From the beginning of the project, some main challenges had to be addressed: above all, how to cope with the torsion of the tower, induced by the warping of the columns around the core, while choosing the most efficient materials, shapes and construction methods. Once set the conceptual basis of the project in terms of structural members layout, Redesco decided, after a thorough evaluation of structural alternatives, to go for a reinforced concrete structure, being the one that maximised the benefit/cost ratio. A more efficient structure, albeit extremely more complex to design and calculate than any solution made of steel. Concrete means a highly non-linear material: the structure’s deformations are evolving during and after construction. To control and forecast with precision the evolutive behaviour of the structure has been the key to success, not only in order to understand how internal forces and stresses changed in the structural organism but moreover to allow the facade, internal elements, installations to be designed to strict tolerances and no waste. The complexity of the spatial resisting phenomenon of the tower required to dwell into the most advanced structural engineering tools and methods, and to perform a substantial amount of research. The leading of ZHA proved to be a key factor to success since the strict and creative cooperation with the architects led to a clean, simple, extremely optimised layout of the structure and a deep coherence of all the building’s elements.

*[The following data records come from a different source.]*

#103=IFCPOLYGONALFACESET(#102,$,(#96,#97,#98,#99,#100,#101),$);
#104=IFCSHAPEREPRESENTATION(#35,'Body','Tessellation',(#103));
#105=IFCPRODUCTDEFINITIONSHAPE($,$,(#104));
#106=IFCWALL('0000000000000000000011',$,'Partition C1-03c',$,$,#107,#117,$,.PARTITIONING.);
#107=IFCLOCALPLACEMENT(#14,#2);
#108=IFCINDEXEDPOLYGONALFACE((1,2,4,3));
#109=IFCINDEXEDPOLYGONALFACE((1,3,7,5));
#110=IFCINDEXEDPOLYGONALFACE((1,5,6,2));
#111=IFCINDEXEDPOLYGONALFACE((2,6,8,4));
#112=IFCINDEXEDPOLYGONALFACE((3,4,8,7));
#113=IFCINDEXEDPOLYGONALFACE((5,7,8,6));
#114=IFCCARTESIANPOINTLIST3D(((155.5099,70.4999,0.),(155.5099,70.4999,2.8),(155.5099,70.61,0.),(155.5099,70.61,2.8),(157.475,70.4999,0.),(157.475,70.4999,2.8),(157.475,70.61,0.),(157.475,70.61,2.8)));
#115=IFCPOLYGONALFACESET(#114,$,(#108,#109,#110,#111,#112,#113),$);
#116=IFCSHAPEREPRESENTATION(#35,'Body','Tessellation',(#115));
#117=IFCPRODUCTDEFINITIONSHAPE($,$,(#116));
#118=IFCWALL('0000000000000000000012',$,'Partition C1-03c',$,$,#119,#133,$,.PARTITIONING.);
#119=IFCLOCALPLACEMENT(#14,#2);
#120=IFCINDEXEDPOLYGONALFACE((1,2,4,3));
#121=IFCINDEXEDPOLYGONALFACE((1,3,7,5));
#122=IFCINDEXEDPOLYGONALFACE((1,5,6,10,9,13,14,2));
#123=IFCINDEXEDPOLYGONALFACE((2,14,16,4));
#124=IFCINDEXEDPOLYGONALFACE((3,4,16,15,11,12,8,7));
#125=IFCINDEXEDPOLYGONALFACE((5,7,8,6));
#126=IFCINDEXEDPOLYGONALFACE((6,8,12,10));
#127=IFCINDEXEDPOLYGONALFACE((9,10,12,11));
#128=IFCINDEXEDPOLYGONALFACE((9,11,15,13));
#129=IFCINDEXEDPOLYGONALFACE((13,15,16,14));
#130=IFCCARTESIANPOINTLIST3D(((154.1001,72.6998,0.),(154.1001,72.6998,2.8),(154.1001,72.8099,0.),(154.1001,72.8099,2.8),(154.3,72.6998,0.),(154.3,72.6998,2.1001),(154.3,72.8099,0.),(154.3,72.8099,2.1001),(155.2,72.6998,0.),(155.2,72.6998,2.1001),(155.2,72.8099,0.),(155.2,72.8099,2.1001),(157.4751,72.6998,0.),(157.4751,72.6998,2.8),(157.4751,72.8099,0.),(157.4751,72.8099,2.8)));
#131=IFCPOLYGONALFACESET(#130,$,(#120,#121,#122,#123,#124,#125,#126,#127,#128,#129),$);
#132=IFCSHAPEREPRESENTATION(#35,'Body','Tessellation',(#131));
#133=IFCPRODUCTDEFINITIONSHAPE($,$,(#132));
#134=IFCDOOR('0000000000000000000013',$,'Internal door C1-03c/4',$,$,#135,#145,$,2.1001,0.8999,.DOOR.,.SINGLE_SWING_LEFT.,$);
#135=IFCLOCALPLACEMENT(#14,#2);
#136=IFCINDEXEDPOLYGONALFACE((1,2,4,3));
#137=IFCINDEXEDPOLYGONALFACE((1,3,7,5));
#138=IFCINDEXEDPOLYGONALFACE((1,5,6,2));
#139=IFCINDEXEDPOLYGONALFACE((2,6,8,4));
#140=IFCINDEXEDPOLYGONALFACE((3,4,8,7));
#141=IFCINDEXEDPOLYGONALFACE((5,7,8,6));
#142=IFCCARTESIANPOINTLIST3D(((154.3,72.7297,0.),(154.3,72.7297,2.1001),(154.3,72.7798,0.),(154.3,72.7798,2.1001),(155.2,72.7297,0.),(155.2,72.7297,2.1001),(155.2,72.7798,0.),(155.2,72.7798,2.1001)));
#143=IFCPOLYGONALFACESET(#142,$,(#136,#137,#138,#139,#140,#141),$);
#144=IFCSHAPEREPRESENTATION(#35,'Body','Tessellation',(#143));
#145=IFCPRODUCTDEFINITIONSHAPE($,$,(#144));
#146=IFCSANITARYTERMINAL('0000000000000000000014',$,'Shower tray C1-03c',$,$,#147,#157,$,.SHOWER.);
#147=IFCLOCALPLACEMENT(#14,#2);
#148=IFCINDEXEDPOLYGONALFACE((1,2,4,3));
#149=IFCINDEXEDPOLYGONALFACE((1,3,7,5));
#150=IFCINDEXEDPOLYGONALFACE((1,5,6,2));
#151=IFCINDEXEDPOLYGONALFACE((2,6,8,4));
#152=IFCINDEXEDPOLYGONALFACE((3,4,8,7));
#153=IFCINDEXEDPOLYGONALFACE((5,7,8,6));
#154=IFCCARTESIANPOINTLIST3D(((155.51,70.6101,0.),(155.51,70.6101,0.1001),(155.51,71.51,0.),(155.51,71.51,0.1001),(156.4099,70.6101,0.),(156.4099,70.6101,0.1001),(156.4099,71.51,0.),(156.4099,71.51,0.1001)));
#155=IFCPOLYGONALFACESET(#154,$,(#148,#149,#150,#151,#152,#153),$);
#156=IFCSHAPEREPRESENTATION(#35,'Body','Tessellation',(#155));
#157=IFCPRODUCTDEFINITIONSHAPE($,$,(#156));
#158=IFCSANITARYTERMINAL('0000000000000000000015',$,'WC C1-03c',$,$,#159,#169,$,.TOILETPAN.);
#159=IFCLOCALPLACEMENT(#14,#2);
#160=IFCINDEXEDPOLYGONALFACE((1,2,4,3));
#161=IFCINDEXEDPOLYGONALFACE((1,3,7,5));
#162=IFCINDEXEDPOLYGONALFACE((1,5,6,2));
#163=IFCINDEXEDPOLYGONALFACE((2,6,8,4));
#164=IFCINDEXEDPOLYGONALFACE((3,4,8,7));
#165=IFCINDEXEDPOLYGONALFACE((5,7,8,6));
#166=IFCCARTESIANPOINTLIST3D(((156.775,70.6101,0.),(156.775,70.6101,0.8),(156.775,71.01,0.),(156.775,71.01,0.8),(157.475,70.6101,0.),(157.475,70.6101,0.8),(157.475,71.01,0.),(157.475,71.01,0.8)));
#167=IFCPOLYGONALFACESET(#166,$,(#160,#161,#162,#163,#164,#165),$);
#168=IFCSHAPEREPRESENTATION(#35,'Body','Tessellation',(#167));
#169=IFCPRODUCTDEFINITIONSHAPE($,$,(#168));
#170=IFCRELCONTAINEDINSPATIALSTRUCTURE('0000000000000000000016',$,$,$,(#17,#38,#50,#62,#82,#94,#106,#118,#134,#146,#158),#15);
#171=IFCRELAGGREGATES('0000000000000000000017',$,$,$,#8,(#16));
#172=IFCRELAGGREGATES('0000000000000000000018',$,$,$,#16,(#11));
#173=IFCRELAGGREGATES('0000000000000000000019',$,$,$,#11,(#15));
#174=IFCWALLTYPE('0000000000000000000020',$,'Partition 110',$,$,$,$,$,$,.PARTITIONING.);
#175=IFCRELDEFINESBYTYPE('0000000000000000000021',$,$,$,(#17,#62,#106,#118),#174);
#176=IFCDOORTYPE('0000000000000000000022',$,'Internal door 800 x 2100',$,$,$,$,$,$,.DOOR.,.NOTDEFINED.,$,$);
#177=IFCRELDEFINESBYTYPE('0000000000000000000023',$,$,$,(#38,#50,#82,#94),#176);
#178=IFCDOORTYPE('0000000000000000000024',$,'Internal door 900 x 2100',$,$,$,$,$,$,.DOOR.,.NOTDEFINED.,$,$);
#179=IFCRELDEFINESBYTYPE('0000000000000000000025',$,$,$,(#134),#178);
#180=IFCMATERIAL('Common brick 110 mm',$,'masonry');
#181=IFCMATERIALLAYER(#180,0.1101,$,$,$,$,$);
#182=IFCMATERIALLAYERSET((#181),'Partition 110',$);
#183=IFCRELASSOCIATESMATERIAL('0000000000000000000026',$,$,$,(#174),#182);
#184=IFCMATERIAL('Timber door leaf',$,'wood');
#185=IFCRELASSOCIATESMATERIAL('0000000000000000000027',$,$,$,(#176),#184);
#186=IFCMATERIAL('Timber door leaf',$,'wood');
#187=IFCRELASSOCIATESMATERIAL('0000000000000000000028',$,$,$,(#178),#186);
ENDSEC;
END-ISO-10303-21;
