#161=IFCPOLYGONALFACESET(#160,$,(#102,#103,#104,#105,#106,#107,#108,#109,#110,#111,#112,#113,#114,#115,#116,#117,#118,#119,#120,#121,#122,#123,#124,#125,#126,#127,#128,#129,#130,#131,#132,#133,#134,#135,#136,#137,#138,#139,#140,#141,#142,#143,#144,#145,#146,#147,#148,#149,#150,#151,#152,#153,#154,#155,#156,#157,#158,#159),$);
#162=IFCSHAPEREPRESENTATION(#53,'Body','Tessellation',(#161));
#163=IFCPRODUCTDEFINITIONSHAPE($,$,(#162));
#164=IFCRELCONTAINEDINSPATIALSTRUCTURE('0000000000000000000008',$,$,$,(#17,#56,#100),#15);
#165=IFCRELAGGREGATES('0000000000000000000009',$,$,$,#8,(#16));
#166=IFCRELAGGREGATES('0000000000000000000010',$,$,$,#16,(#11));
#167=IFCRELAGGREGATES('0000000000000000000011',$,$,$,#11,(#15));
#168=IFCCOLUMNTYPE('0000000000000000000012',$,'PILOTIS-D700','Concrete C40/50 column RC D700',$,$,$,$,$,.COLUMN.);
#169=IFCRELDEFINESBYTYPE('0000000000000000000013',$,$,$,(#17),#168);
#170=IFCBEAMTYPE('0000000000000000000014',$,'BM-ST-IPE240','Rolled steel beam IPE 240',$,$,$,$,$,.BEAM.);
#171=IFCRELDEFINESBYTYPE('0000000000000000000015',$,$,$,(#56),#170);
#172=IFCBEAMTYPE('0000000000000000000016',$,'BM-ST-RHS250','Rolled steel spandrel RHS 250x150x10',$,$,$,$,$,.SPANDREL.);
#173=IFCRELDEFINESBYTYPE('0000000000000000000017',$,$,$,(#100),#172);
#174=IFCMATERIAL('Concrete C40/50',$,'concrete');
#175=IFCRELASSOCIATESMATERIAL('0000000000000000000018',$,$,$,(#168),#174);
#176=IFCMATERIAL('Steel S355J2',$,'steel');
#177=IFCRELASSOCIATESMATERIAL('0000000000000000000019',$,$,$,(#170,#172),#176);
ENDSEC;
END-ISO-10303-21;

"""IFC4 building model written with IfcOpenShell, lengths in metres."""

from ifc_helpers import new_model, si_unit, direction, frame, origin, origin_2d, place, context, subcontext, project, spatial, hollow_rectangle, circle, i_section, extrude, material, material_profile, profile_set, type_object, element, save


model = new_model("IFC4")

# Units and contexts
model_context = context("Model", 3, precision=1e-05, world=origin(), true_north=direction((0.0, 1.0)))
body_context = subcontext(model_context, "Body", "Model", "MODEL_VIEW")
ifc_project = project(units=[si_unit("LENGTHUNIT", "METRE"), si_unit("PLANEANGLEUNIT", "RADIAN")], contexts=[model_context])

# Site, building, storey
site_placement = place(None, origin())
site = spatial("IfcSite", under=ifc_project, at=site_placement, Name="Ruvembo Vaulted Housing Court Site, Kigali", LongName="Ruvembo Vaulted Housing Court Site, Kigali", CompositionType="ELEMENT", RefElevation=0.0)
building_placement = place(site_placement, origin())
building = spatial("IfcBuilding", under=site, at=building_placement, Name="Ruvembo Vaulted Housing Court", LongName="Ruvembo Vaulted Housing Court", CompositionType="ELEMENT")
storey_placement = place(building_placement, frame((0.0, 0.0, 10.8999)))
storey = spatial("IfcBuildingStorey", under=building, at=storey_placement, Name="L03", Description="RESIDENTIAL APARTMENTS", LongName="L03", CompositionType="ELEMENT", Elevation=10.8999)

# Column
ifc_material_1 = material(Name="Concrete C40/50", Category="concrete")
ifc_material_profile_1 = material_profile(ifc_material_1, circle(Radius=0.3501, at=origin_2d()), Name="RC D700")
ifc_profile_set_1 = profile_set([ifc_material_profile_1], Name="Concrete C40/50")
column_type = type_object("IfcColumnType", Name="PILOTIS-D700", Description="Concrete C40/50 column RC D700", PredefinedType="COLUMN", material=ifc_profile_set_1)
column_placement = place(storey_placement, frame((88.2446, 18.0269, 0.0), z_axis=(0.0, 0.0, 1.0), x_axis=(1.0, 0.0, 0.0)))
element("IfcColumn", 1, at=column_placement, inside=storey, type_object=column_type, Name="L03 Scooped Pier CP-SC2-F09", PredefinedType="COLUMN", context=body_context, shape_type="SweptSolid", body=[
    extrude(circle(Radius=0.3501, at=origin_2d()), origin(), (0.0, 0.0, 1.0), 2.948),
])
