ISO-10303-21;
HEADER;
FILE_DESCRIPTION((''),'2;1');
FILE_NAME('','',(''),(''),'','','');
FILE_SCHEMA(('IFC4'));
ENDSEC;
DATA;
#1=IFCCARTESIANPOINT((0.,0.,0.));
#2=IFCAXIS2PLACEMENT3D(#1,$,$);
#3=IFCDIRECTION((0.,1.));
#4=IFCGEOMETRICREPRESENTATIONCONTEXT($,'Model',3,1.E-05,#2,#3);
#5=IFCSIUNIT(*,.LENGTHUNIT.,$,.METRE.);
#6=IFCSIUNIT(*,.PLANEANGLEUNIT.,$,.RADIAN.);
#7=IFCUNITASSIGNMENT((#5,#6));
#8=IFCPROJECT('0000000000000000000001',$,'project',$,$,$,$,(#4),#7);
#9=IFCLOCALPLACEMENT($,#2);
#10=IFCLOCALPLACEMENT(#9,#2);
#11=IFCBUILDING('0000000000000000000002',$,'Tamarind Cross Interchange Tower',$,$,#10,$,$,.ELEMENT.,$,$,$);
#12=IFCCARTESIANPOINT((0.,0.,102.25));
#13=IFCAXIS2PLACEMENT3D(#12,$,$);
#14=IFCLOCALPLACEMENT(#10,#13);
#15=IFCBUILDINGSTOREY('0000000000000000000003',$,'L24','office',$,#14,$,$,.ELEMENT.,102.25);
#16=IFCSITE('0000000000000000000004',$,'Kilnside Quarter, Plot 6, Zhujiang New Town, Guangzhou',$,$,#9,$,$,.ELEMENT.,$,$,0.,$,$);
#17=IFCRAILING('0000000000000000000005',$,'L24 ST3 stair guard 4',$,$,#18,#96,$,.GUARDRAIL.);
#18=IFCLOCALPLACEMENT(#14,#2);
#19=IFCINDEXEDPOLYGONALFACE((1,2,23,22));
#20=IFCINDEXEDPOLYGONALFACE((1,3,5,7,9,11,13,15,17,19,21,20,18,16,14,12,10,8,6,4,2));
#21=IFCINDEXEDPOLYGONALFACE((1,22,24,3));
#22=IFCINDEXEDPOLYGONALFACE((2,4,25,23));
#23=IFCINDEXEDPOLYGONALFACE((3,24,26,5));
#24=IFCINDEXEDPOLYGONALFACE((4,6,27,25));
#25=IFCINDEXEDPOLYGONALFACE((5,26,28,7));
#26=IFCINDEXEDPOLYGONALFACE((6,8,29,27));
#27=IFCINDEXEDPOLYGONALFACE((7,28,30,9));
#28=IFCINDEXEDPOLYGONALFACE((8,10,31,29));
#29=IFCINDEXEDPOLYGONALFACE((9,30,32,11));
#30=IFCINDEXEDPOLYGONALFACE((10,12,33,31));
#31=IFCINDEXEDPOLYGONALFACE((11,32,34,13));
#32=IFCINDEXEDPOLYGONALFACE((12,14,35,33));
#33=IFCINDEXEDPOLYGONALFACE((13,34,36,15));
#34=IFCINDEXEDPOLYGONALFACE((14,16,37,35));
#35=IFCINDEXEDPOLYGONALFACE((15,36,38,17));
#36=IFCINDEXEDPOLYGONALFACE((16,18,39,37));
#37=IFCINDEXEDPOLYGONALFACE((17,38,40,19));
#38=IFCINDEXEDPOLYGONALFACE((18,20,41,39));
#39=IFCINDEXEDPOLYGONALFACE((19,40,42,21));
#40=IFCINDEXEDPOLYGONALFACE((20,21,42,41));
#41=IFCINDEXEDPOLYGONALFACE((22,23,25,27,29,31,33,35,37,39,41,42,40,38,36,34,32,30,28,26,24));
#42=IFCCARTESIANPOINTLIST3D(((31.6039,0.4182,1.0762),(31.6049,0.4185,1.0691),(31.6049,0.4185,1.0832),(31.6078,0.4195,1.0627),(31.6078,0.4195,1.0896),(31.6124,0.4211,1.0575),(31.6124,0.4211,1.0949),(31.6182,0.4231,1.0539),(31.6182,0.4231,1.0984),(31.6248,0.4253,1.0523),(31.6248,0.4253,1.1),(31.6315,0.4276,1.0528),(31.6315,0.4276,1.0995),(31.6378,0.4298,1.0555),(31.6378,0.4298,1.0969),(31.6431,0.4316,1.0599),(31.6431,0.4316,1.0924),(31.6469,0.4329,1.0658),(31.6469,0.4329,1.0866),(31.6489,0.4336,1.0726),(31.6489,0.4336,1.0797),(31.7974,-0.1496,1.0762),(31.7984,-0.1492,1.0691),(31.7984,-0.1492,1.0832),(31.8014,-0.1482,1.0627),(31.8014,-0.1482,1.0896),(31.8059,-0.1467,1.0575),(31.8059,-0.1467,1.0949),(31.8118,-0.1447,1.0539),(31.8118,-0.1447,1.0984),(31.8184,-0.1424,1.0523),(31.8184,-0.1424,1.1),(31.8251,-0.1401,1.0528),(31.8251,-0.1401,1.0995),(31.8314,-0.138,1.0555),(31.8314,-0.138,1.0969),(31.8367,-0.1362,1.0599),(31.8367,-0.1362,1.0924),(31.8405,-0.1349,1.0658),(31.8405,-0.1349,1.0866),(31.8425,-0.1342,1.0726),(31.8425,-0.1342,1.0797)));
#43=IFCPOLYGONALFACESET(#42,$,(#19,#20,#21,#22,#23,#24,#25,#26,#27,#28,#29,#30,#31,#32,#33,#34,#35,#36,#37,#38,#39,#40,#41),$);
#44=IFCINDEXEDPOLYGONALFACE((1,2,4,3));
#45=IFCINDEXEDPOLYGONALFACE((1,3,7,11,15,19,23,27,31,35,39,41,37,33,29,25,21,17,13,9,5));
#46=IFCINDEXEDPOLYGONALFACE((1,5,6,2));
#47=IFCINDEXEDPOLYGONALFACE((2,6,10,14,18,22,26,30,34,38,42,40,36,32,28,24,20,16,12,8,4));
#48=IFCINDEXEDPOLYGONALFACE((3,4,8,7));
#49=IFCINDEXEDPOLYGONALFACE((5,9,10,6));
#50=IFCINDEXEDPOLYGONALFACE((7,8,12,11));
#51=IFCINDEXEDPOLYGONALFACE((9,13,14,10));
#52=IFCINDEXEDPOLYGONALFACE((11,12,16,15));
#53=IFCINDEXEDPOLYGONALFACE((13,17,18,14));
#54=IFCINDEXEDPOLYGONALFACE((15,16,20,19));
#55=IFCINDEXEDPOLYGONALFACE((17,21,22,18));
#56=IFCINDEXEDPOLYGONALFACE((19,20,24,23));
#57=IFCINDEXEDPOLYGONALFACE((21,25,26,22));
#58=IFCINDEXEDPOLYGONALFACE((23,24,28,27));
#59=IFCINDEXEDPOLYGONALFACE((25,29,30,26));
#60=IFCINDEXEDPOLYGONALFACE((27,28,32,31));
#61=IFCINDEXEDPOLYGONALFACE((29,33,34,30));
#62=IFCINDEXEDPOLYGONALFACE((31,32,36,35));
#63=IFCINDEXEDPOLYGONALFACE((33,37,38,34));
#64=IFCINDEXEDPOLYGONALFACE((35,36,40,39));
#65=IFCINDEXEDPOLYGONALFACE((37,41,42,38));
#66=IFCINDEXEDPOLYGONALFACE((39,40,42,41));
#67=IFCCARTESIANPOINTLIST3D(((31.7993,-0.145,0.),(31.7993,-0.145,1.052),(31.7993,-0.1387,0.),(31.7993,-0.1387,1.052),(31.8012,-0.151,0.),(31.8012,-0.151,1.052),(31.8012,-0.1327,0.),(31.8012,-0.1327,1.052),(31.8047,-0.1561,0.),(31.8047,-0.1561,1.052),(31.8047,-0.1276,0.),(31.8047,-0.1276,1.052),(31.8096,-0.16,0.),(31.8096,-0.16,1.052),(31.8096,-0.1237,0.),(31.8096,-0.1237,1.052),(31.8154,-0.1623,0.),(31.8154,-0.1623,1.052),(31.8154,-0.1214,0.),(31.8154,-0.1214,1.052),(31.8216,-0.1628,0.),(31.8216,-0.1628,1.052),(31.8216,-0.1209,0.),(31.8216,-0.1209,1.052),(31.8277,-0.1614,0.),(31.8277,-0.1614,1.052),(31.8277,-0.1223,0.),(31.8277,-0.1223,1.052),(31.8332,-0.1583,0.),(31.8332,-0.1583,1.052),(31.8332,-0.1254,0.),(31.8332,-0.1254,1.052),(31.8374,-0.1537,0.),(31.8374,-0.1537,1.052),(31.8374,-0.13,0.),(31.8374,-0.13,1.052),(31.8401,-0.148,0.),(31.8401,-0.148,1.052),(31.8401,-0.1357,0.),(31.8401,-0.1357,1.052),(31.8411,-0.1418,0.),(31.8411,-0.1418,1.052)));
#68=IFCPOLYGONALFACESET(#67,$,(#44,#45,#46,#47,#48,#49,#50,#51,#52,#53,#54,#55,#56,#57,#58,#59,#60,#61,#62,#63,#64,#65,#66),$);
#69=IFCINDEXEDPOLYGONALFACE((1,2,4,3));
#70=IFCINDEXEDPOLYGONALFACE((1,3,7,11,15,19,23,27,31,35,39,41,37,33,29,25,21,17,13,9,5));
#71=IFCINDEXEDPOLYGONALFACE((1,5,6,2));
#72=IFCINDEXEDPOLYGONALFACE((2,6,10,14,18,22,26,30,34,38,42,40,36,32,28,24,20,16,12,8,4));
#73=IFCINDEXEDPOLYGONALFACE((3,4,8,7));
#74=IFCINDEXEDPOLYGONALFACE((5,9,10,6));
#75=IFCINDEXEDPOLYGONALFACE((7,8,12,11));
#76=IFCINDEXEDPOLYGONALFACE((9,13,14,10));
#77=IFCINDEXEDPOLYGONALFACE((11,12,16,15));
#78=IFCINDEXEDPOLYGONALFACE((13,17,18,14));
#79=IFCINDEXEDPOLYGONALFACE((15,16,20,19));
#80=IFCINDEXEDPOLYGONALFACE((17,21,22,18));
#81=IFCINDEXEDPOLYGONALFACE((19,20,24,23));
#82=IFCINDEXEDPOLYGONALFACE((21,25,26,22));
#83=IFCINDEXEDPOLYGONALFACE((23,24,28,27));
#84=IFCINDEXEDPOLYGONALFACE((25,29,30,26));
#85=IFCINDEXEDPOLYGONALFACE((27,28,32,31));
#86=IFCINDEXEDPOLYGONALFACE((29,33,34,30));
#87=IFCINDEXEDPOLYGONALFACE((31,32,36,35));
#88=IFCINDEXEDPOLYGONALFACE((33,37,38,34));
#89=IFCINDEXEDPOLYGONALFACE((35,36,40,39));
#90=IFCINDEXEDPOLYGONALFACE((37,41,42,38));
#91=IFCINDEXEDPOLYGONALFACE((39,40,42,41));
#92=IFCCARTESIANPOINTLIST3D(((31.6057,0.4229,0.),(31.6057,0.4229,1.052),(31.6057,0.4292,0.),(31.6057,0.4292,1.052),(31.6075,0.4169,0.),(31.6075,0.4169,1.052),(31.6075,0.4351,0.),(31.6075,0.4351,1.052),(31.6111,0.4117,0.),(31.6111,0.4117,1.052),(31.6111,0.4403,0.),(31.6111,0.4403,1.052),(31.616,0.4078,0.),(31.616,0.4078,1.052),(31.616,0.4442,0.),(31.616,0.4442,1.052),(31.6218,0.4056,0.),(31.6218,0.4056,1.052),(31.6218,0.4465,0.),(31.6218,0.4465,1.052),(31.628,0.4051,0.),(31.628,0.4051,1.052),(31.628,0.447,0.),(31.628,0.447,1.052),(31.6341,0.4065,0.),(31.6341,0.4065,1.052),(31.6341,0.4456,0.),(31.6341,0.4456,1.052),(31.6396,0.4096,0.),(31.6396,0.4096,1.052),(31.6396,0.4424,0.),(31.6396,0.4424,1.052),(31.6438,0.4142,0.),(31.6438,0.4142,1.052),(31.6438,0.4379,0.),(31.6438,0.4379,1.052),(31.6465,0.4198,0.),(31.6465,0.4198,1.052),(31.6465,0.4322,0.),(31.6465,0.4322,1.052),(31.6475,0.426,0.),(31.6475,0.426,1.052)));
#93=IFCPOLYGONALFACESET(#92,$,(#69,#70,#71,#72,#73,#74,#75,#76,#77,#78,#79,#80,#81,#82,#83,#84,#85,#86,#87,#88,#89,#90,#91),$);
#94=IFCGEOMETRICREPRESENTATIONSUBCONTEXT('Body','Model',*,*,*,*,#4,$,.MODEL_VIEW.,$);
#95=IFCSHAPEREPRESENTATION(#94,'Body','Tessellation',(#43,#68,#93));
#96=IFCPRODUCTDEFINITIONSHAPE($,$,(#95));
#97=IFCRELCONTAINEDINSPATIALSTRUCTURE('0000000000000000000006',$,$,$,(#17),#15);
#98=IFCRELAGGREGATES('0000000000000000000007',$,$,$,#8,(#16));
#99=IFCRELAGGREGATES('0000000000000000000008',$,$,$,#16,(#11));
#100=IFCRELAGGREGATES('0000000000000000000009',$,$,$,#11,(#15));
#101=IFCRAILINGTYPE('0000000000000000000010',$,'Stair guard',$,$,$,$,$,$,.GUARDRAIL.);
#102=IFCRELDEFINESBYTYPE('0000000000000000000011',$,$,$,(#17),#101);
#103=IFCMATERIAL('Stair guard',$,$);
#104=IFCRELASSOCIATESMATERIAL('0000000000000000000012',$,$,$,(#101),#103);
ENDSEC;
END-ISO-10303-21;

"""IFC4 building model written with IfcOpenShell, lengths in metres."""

from ifc_helpers import new_model, si_unit, direction, frame, origin, origin_2d, place, context, subcontext, project, spatial, circle, extrude, material, type_object, element, save


model = new_model("IFC4")

# Units and contexts
model_context = context("Model", 3, precision=1e-05, world=origin(), true_north=direction((0.0, 1.0)))
body_context = subcontext(model_context, "Body", "Model", "MODEL_VIEW")
ifc_project = project(units=[si_unit("LENGTHUNIT", "METRE"), si_unit("PLANEANGLEUNIT", "RADIAN")], contexts=[model_context])

# Site, building, storey
site_placement = place(None, origin())
site = spatial("IfcSite", under=ifc_project, at=site_placement, Name="Kilnside Quarter, Plot 6, Zhujiang New Town, Guangzhou", CompositionType="ELEMENT", RefElevation=0.0)
building_placement = place(site_placement, origin())
building = spatial("IfcBuilding", under=site, at=building_placement, Name="Tamarind Cross Interchange Tower", CompositionType="ELEMENT")
storey_placement = place(building_placement, frame((0.0, 0.0, 102.25)))
storey = spatial("IfcBuildingStorey", under=building, at=storey_placement, Name="L24", Description="office", CompositionType="ELEMENT", Elevation=102.25)

# Railing
ifc_material_1 = material(Name="Stair guard")
railing_type_1 = type_object("IfcRailingType", Name="Stair guard", PredefinedType="GUARDRAIL", material=ifc_material_1)
railing_1_placement = place(storey_placement, frame((31.8201, -0.1418, 0.0)))
element("IfcRailing", 1, at=railing_1_placement, inside=storey, type_object=railing_type_1, Name="L24 ST3 stair guard 4", PredefinedType="GUARDRAIL", context=body_context, shape_type="SweptSolid", body=[
    extrude(circle(Radius=0.0239, at=origin_2d()), frame((0.0, 0.0, 1.0762), z_axis=(-0.32269, 0.946505, 0.0), x_axis=(-0.946505, -0.32269, 0.0)), (0.0, 0.0, 1.0), 0.5999),
    extrude(circle(Radius=0.021, at=origin_2d()), origin(), (0.0, 0.0, 1.0), 1.052),
    extrude(circle(Radius=0.021, at=origin_2d()), frame((-0.1936, 0.5679, 0.0)), (0.0, 0.0, 1.0), 1.052),
])

save(model, "model.ifc")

Similar to the challenge of structural physics, the innovation of this project consisted in implementing a method that would pair with the parametric approach of Zaha Hadid Architects. All structural simulations, analysis, drawings and detailing were developed with advanced tools and in-house software that followed the mathematical method set by the architects in designing the tower’s shape. The whole structural design, from concept to final construction documentation, has been created by means of parametric tools. The final stage of the design has also been implemented in BIM, in full coordination with other design disciplines.

Redesco’s role in the Generali Tower structural design has been extended from the initial conceptual stages all the way through to the construction phase, so that we had the chance to follow the design until the tiniest detailing, rebar scheduling, steelwork joints and details and moreover to cooperate with the contractor in defining construction methods, sequences, monitoring of the structural behaviour and checking of results.

The podium

Redesco has been in charge of the structures of the ‘free form’ volume of the podium, which is the visible part above the upper plaza level. The complexity of this structure arises from the coexistence of an extremely high number of constraints; from one side, the columns could only rest on the regular grid of the parking structures below; on the other side, the freedom of form, internal arrangement, density of functions of the podium asked for an extremely sophisticated structural strategy. The structural arrangement was born by parametrically coupling of the external surface to be respected and the internal constraints: the whole structural frame was generated automatically by combining all the constraints in a graphic algorithm. Based on this frame, that includes very long spans, column deviations and cantilevers, optimisation and recurrent operations have been carried on the structural members in order to achieve the maximum cost-efficiency and structural soundness.

All the structures are in steel, including the facade substructure that consisted of many hundreds of different frames. Finally, one of the most challenging aspects of the structure is it’s being built across a series of structural joints: joints between different parts of the underground parking structure and joints between the tower base and the surrounding systems. A sophisticated study of details and structural behaviour, that allows each different part to settle independently, has been carried on. Also for the podium, Redesco has been appointed to design and follow the structures from the conceptual stages down to the detailing and construction phase.